The EndoPredict test results and the tumor board recommendations are shown in Fig. 1. The EPclin test was carried out on all 373 tumor samples. The test result allocated 238 patients (63.8%) in the low-risk group and 135 patients (36.2%) in the high-risk group. Six of the 238 EPclin low-risk patients (2.5%) were recommended to undergo CTX even though EPclin was low risk. Reasons for that were young age, multicentric tumor and contralateral breast cancer. 13 of the 135 EPclin high-risk patients (9.6%) were recommended not to undergo CTX even though EPclin was high risk. In these cases, risk–benefit ratio of CTX was not seen as favorable because of patients’ individual risk factors like age or comorbidities.
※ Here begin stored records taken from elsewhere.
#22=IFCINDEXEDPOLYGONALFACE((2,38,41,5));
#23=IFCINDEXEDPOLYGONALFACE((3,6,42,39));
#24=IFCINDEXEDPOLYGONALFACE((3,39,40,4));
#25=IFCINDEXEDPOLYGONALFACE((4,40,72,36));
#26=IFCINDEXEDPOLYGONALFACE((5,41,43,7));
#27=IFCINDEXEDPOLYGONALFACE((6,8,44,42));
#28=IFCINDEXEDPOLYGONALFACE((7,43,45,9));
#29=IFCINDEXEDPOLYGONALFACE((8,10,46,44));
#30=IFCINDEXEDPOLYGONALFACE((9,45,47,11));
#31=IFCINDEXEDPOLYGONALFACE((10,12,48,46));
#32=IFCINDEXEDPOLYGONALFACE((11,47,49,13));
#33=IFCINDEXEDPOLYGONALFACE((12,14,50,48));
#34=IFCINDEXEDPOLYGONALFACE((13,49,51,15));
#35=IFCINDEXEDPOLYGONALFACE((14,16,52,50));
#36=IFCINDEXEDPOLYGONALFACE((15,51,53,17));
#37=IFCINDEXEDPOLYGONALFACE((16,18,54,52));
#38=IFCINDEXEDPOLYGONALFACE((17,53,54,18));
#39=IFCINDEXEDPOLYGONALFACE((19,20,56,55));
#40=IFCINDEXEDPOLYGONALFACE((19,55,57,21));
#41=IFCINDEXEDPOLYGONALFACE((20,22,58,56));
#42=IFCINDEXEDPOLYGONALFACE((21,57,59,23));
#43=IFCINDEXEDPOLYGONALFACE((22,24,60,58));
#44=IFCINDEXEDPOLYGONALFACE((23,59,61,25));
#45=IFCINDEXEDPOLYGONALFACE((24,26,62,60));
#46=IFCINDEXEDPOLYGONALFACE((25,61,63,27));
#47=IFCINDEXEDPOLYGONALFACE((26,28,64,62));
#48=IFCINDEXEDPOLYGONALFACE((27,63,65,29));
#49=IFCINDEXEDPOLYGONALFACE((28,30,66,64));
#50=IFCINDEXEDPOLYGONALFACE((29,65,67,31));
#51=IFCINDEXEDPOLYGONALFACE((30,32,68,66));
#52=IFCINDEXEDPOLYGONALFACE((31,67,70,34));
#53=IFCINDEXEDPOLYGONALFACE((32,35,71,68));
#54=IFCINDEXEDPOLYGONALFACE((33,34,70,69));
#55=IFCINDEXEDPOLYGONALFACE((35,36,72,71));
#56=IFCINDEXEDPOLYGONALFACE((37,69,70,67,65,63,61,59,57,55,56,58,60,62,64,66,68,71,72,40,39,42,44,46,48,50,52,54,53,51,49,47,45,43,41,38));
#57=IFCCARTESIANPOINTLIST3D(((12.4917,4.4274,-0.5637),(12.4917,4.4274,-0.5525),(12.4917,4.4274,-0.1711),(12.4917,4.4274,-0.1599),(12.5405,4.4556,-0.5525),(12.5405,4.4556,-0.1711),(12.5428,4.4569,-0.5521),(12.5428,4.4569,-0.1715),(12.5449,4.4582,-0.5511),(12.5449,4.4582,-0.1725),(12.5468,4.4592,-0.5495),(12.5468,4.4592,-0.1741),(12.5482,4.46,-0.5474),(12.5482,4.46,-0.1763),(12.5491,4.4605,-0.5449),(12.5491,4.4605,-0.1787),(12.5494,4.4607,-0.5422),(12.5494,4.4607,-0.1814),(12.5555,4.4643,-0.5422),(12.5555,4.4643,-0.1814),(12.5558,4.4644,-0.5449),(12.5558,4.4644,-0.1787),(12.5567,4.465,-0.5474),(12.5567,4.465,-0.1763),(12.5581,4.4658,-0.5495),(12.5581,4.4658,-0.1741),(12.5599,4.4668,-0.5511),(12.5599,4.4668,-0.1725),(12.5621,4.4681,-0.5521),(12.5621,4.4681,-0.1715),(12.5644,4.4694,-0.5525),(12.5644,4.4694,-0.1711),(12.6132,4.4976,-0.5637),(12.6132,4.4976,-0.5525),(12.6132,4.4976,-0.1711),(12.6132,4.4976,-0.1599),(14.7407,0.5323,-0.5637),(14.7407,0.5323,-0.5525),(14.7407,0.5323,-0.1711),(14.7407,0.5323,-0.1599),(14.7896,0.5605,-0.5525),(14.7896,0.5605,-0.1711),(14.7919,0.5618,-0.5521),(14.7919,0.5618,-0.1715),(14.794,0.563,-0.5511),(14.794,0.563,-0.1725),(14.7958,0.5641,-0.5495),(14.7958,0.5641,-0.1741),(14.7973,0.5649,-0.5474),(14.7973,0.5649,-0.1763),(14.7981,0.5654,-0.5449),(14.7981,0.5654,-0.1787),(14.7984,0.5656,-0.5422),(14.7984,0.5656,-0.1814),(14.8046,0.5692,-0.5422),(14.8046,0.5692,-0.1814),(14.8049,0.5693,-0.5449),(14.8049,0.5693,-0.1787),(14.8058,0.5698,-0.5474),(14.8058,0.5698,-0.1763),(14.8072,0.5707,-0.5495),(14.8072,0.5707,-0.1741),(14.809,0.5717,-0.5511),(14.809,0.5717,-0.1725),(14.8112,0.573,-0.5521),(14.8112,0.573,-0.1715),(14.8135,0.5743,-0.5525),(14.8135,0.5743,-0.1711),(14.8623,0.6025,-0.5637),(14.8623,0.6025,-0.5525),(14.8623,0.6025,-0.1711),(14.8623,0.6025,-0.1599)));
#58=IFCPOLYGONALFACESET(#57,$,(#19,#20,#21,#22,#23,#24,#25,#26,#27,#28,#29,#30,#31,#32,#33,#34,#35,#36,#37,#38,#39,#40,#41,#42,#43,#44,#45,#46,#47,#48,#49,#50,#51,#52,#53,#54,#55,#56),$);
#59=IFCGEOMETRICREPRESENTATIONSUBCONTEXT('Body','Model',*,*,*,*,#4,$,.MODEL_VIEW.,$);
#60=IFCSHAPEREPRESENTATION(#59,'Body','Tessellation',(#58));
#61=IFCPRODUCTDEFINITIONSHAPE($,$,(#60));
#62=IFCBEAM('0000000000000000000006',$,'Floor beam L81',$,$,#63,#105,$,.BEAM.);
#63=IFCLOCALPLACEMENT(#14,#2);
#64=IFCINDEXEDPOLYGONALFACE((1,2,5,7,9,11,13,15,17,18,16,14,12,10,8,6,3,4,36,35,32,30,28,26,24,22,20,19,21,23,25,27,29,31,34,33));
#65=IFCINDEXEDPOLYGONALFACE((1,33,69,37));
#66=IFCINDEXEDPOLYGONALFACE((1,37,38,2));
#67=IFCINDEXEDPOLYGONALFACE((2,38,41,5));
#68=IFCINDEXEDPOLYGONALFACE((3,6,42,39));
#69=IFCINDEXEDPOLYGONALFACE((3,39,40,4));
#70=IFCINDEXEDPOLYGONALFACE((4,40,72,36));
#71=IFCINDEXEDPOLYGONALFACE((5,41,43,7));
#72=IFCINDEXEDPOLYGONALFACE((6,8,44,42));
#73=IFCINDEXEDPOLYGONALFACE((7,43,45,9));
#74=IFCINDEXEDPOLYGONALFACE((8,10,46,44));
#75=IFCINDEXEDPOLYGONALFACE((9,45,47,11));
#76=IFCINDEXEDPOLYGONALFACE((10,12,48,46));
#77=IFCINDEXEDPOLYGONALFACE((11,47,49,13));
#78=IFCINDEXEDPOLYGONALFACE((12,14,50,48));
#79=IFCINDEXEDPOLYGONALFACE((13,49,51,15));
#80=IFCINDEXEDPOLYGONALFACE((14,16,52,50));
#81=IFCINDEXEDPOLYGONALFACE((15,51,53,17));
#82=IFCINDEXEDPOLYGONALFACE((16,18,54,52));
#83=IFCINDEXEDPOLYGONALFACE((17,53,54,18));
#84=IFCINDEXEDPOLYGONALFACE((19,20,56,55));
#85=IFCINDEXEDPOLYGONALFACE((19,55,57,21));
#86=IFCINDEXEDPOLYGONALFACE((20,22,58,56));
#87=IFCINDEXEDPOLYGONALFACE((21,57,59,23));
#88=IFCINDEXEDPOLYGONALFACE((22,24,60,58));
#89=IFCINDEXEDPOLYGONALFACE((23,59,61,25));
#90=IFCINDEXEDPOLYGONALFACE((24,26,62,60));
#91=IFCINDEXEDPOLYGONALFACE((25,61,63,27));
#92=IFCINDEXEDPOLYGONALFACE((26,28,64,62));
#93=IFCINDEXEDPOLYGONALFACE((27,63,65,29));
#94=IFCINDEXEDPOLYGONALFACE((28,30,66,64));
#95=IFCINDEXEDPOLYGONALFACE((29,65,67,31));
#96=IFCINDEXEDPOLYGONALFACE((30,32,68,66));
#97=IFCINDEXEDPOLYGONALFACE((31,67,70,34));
Therapy recommendation and compliance

Figure 2 shows the systemic therapy recommendations given by the interdisciplinary tumor board and the corresponding compliance rates obtained from follow-up data. Adjuvant ET for at least 5 years was recommended in all cases (373 patients). At the time of the last follow-up, 292 (78.3%) patients were compliant and still taking their ET. 52 patients (13.9%) declined ET. For 29 patients (7.8%), information concerning compliance to ET could not be obtained. Adjuvant CTX was recommended in 128 of 373 cases (34.3%). 92 (71.9%) of these patients were compliant and received standard of care CTX whereas 36 patients (28.1%) refused the recommended adjuvant CTX. No adjuvant CTX was recommended in 245 of the 373 cases (65.7%). 3 patients (1.2%) out of these 245 patients underwent CTX without tumor board recommendation. Adjuvant radiotherapy (RTX) was advised in 282 patients (75.6%). 26 (9.2%) of these patients were not compliant, refusing RTX.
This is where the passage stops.